Wilkins Gary R, Lugo-Martinez Jose, Murphy Robert F
Ray and Stephanie Lane Computational Biology Department, School of Computer Science, Carnegie Mellon University.
bioRxiv. 2024 Oct 25:2024.10.25.620244. doi: 10.1101/2024.10.25.620244.
The interactions of proteins to form complexes play a crucial role in cell function. Data on protein-protein or pairwise interactions (PPI) typically come from a combination of sample separation and mass spectrometry. Since 2010, several extensive, high-throughput mass spectrometry-based experimental studies have dramatically expanded public repositories for PPI data and, by extension, our knowledge of protein complexes. Unfortunately, challenges of limited overlap between experiments, modality-oriented biases, and prohibitive costs of experimental reproducibility continue to limit coverage of the human protein assembly map, both underscoring the need for and spurring the development of relevant computational approaches. Here, we present a new method for predicting the strength of protein interactions. It addresses two important issues that have limited past PPI prediction approaches: incomplete feature sets and incomplete proteome coverage. For a given collection of protein pairs, we fused data from heterogeneous sources into a feature matrix and identified the minimal set of feature partitions for which a non-empty set of protein pairs had complete values. For each such feature partition, we trained a classifier to predict PPI probabilities. We then calculated an overall prediction for a given protein pair by weighting the probabilities from all models that applied to that pair. Our approach accurately identified known and highly probable PPI, far exceeding the performance of current approaches and providing more complete proteome coverage. We then used the predicted probabilities to assemble complexes using previously-described graph-based tools and clustering algorithms and again obtained improved results. Lastly, we used features for three human cell lines to predict PPI and complex scores and identified complexes predicted to differ between those cell lines.

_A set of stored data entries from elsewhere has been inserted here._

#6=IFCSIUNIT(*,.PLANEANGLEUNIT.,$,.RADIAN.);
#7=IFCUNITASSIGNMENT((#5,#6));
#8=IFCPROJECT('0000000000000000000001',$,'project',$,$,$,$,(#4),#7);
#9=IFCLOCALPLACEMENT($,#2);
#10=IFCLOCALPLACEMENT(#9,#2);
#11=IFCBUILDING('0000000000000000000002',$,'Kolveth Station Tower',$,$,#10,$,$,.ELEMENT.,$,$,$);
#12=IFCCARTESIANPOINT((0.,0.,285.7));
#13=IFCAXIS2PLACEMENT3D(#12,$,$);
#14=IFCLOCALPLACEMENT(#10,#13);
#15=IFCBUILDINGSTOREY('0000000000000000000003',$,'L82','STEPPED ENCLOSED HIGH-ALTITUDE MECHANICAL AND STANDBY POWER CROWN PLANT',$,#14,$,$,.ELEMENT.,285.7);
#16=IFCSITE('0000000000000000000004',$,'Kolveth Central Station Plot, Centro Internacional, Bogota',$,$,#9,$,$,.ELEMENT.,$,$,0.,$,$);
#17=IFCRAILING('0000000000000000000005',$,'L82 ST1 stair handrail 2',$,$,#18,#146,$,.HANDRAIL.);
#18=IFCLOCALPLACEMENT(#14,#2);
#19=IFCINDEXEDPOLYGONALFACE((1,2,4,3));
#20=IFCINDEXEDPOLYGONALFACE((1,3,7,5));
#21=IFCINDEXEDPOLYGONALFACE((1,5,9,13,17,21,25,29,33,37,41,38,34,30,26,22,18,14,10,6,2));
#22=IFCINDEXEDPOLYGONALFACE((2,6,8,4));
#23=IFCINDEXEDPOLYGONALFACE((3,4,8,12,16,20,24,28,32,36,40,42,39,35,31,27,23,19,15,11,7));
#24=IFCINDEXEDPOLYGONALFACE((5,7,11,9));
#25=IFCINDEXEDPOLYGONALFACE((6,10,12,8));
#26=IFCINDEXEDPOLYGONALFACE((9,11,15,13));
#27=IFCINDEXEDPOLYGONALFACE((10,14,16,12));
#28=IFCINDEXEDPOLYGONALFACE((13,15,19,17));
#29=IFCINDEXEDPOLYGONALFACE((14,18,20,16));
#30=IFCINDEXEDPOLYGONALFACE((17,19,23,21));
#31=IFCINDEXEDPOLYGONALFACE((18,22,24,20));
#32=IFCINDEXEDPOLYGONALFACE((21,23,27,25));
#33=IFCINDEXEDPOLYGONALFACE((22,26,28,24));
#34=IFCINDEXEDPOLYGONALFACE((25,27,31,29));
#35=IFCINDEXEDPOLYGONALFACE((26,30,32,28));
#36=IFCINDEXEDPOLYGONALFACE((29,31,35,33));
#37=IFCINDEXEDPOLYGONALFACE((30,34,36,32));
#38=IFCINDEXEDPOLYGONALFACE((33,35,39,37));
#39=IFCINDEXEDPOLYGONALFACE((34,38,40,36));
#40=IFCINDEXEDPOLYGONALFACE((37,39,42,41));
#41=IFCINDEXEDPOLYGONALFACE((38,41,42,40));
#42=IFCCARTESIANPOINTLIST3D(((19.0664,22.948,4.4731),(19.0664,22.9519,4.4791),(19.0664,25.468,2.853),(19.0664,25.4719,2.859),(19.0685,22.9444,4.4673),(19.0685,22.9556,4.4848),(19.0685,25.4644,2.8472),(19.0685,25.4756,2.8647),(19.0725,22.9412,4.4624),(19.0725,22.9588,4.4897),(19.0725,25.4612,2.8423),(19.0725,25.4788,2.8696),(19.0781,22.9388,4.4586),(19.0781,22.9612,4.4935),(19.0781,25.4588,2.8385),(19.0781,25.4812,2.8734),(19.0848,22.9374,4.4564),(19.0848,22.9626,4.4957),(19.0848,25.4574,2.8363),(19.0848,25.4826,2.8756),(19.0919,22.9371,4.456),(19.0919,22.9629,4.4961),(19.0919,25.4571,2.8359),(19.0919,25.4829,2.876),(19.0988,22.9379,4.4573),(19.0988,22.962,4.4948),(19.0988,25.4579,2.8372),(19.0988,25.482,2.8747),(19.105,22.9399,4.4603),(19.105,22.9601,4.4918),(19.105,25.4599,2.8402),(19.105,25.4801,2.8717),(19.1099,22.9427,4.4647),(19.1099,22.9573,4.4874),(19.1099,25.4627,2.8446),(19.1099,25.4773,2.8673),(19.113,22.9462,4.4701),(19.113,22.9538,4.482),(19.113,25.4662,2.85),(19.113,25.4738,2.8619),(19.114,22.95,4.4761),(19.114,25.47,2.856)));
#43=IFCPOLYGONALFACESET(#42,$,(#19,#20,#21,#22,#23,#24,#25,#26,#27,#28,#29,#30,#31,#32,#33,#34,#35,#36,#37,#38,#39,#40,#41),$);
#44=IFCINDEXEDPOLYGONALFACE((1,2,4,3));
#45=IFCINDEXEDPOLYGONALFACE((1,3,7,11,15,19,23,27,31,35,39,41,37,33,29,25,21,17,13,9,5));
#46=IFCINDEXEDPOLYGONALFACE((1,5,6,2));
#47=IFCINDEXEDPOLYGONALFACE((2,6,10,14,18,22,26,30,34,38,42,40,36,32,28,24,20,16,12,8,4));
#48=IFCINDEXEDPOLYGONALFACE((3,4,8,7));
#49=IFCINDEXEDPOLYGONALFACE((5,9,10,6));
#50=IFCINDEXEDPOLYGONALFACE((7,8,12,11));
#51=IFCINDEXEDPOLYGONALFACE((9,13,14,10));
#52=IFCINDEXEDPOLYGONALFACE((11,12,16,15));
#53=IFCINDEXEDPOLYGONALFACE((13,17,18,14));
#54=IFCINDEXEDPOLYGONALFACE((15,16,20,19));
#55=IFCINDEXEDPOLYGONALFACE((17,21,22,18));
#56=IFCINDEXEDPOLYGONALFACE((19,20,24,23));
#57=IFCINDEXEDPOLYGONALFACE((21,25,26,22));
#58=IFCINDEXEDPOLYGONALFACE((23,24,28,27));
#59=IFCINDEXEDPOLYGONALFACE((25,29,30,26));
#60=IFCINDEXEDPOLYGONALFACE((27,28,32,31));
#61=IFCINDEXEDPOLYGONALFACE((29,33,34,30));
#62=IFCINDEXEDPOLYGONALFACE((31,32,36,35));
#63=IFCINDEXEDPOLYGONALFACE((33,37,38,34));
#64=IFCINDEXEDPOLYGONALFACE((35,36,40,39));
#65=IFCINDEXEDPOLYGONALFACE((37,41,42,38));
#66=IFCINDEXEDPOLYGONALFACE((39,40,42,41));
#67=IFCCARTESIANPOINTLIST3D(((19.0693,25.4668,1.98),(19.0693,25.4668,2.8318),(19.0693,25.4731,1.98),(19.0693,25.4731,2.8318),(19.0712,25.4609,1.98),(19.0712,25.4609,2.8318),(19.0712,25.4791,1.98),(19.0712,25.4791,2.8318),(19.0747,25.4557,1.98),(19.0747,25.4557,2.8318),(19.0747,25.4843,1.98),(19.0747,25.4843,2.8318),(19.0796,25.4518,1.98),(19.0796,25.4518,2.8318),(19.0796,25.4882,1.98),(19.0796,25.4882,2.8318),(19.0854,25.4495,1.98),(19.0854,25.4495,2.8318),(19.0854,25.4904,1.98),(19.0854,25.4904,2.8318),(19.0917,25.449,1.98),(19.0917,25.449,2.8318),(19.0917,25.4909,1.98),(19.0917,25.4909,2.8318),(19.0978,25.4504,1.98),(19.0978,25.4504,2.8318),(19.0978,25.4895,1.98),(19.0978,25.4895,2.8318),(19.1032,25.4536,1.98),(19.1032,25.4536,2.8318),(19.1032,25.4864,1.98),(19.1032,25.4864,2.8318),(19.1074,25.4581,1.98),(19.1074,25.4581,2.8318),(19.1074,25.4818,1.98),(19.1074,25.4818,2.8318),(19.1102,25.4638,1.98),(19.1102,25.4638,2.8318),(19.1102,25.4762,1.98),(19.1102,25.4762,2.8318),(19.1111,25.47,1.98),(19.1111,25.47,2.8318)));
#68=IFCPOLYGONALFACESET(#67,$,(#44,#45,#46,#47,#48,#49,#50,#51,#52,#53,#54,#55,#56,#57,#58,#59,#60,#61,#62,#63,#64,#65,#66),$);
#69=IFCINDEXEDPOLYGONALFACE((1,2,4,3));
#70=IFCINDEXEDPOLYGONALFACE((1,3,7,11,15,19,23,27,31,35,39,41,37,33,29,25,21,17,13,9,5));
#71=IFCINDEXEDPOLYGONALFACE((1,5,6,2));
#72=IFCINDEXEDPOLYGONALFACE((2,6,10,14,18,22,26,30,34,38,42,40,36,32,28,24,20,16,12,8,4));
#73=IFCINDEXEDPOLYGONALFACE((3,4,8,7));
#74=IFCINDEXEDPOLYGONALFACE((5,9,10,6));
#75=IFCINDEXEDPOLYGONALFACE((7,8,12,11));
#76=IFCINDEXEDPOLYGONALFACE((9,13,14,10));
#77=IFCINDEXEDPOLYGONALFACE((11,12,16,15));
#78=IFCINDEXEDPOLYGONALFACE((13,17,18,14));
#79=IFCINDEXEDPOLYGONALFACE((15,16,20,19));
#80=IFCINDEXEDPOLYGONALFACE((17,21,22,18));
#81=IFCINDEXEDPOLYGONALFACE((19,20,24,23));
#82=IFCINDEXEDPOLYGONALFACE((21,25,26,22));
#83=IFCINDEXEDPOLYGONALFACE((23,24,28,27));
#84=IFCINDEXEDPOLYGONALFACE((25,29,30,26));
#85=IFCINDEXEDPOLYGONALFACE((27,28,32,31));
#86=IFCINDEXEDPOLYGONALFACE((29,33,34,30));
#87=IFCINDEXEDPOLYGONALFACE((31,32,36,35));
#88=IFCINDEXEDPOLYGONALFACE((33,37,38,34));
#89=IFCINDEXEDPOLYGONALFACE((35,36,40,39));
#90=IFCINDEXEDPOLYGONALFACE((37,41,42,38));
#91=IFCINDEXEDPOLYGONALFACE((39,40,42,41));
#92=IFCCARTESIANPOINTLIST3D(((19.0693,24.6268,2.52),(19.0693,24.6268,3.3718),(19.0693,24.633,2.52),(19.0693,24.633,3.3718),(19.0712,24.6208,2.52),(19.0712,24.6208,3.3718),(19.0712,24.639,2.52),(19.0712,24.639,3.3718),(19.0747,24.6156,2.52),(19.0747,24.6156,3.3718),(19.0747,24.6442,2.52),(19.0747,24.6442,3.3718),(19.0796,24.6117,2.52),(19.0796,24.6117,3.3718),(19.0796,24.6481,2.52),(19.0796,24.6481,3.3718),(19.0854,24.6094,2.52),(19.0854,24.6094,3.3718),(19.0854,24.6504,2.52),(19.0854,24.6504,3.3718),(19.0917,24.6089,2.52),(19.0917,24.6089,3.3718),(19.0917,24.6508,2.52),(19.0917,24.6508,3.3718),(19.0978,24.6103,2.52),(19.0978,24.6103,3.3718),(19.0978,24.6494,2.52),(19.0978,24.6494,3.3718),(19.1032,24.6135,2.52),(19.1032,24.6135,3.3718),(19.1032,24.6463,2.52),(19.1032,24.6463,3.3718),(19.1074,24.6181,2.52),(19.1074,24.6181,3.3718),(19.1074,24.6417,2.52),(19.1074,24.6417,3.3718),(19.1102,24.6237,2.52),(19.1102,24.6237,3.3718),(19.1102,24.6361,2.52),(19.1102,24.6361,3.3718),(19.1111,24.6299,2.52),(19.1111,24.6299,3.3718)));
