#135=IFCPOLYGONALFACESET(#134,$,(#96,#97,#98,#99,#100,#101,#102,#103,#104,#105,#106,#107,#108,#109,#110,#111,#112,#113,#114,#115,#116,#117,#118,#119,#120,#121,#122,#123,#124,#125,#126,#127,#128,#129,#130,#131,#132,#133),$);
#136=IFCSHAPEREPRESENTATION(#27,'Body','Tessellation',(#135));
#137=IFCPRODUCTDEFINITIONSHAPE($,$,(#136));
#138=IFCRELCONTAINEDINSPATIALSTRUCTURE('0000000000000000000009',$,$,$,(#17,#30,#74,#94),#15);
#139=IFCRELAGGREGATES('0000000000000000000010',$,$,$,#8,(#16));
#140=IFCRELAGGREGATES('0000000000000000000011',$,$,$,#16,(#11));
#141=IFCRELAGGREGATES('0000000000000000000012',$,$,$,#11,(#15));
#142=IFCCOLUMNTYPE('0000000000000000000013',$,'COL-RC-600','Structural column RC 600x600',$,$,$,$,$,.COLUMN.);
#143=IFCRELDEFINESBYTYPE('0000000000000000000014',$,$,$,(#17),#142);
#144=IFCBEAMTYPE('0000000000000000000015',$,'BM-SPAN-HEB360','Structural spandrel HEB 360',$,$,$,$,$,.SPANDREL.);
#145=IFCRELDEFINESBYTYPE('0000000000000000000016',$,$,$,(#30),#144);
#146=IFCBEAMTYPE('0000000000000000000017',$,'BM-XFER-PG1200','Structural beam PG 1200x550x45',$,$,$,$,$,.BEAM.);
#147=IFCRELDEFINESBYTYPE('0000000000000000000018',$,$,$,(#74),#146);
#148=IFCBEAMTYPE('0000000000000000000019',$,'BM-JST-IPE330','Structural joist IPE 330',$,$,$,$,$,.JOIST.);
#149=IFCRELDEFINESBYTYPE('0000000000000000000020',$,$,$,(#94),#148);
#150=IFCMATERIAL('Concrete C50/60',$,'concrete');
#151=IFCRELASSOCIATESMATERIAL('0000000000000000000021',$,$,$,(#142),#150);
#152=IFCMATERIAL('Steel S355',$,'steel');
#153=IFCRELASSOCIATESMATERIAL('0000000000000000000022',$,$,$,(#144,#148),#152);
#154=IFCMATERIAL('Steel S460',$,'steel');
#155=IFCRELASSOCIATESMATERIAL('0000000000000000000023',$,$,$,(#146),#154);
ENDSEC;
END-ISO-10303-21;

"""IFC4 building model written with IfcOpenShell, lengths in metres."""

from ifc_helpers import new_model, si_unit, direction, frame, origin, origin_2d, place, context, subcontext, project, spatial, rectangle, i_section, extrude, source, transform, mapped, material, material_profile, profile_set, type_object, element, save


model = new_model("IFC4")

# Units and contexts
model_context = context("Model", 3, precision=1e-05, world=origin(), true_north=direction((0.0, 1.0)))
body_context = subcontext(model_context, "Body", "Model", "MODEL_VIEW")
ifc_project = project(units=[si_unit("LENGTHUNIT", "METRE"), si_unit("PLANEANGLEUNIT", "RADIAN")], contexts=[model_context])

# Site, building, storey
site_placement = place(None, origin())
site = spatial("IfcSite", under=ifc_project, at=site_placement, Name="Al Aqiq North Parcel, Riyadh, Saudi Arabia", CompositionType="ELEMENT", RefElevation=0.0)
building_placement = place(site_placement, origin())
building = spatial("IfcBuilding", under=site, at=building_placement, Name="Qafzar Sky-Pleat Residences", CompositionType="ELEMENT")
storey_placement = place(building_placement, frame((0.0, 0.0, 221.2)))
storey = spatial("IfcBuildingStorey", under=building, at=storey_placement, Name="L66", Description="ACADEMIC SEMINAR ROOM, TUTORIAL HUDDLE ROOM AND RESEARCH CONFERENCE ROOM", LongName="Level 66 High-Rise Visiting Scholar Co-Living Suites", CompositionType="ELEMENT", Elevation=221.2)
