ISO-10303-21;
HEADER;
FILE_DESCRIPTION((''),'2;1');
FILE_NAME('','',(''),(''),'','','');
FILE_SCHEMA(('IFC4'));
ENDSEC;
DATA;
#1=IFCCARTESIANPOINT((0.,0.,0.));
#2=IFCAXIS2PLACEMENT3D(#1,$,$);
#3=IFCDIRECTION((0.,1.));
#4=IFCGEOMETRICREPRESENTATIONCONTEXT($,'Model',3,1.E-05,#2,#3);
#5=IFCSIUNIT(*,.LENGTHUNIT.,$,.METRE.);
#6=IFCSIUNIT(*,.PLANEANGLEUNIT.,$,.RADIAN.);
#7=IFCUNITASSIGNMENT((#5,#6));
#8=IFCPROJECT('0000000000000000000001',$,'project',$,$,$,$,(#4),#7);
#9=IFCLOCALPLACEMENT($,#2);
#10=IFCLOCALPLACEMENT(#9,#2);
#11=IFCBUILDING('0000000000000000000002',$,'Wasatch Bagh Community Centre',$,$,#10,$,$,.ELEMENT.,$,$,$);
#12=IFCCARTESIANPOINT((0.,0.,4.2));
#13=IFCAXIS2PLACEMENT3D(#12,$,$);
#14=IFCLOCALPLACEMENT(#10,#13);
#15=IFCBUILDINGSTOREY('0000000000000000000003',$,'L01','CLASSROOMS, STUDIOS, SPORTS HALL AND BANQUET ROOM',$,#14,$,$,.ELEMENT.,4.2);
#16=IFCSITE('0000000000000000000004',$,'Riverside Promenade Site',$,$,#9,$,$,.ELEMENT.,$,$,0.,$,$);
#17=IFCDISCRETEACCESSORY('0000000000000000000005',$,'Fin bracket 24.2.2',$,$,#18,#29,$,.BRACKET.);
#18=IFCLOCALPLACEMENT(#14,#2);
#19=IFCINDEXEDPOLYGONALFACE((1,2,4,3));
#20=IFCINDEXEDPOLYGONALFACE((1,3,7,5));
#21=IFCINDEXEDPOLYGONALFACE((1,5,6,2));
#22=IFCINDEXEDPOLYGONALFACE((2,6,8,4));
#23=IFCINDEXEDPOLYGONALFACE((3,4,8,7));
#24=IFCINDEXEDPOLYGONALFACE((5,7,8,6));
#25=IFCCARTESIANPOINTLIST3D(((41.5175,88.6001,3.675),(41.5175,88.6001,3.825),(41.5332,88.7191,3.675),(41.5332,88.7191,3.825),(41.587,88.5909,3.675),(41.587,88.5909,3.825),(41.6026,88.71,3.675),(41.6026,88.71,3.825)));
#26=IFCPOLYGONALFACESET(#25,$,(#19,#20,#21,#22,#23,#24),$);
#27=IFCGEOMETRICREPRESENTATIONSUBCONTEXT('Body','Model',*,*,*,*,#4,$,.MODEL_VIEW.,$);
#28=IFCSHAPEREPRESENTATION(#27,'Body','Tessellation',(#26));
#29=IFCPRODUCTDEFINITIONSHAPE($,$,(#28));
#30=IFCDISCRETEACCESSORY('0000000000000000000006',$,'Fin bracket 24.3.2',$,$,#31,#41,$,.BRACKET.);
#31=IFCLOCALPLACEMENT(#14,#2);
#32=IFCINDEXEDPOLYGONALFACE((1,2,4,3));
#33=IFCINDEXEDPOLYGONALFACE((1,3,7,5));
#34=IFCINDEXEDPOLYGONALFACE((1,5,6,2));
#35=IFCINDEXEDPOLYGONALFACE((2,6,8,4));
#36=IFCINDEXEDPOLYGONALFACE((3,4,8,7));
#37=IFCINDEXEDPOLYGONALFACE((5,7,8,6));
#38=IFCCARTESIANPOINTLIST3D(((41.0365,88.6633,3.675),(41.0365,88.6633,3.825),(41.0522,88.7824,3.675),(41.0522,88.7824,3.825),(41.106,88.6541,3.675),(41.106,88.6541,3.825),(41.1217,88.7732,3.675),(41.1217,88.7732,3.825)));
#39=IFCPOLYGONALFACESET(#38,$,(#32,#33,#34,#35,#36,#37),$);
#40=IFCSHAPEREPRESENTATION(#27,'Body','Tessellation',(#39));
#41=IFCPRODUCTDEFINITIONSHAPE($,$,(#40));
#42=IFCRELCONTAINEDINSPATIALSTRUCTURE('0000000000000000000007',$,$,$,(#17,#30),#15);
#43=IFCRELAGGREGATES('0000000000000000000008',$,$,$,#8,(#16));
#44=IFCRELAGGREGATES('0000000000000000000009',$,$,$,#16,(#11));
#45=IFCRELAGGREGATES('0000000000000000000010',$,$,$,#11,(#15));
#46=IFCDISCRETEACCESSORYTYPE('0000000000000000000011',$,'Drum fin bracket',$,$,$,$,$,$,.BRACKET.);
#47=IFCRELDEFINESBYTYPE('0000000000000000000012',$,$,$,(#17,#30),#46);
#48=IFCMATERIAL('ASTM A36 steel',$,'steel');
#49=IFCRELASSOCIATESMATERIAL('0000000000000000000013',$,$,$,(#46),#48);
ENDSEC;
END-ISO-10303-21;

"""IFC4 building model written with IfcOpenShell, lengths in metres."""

from ifc_helpers import new_model, si_unit, direction, frame, origin, origin_2d, place, context, subcontext, project, spatial, rectangle, extrude, material, type_object, element, save


model = new_model("IFC4")

# Units and contexts
model_context = context("Model", 3, precision=1e-05, world=origin(), true_north=direction((0.0, 1.0)))
body_context = subcontext(model_context, "Body", "Model", "MODEL_VIEW")
ifc_project = project(units=[si_unit("LENGTHUNIT", "METRE"), si_unit("PLANEANGLEUNIT", "RADIAN")], contexts=[model_context])

# Site, building, storey
site_placement = place(None, origin())
site = spatial("IfcSite", under=ifc_project, at=site_placement, Name="Riverside Promenade Site", CompositionType="ELEMENT", RefElevation=0.0)
building_placement = place(site_placement, origin())
building = spatial("IfcBuilding", under=site, at=building_placement, Name="Wasatch Bagh Community Centre", CompositionType="ELEMENT")
storey_placement = place(building_placement, frame((0.0, 0.0, 4.2)))
storey = spatial("IfcBuildingStorey", under=building, at=storey_placement, Name="L01", Description="CLASSROOMS, STUDIOS, SPORTS HALL AND BANQUET ROOM", CompositionType="ELEMENT", Elevation=4.2)

# Discrete accessories
ifc_material_1 = material(Name="ASTM A36 steel", Category="steel")
discrete_accessory_type = type_object("IfcDiscreteAccessoryType", Name="Drum fin bracket", PredefinedType="BRACKET", material=ifc_material_1)
for number, where, z_axis, x_axis, name in (
    (1, (41.5601, 88.655, 3.675), (0.0, 0.0, 1.0), (-0.991445, 0.130526, 0.0), "Fin bracket 24.2.2"),
    (2, (41.0791, 88.7183, 3.675), (0.0, 0.0, 1.0), (-0.991445, 0.130526, 0.0), "Fin bracket 24.3.2"),
):
    element("IfcDiscreteAccessory", number, at=place(storey_placement, frame(where, z_axis=z_axis, x_axis=x_axis)), inside=storey, type_object=discrete_accessory_type, Name=name, PredefinedType="BRACKET", context=body_context, shape_type="SweptSolid", body=[
        extrude(rectangle(XDim=0.0701, YDim=0.1201, at=origin_2d()), origin(), (0.0, 0.0, 1.0), 0.1499),
    ])

save(model, "model.ifc")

蛋白质相互作用形成复合物在细胞功能中起着至关重要的作用。蛋白质 - 蛋白质或成对相互作用(PPI)的数据通常来自样品分离和质谱分析的结合。自2010年以来,几项基于高通量质谱的广泛实验研究极大地扩展了PPI数据的公共储存库,进而扩展了我们对蛋白质复合物的认识。不幸的是,实验之间重叠有限、面向模式的偏差以及实验可重复性的高昂成本等挑战,继续限制了人类蛋白质组装图谱的覆盖范围,这既凸显了对相关计算方法的需求,也推动了其发展。在此,我们提出了一种预测蛋白质相互作用强度的新方法。它解决了过去PPI预测方法所受限制的两个重要问题:特征集不完整和蛋白质组覆盖不完整。对于给定的蛋白质对集合,我们将来自异构源的数据融合到一个特征矩阵中,并确定了一组最小的特征分区,对于这组分区,有一组非空的蛋白质对具有完整的值。对于每个这样的特征分区,我们训练了一个分类器来预测PPI概率。然后,我们通过对应用于该蛋白质对的所有模型的概率进行加权,计算出给定蛋白质对的总体预测。我们的方法准确地识别出已知的和极有可能的PPI,远远超过了当前方法的性能,并提供了更完整的蛋白质组覆盖范围。然后,我们使用预测概率,通过先前描述的基于图的工具和聚类算法来组装复合物,再次获得了改进的结果。最后,我们使用三种人类细胞系的特征来预测PPI和复合物得分,并识别出预计在这些细胞系之间存在差异的复合物。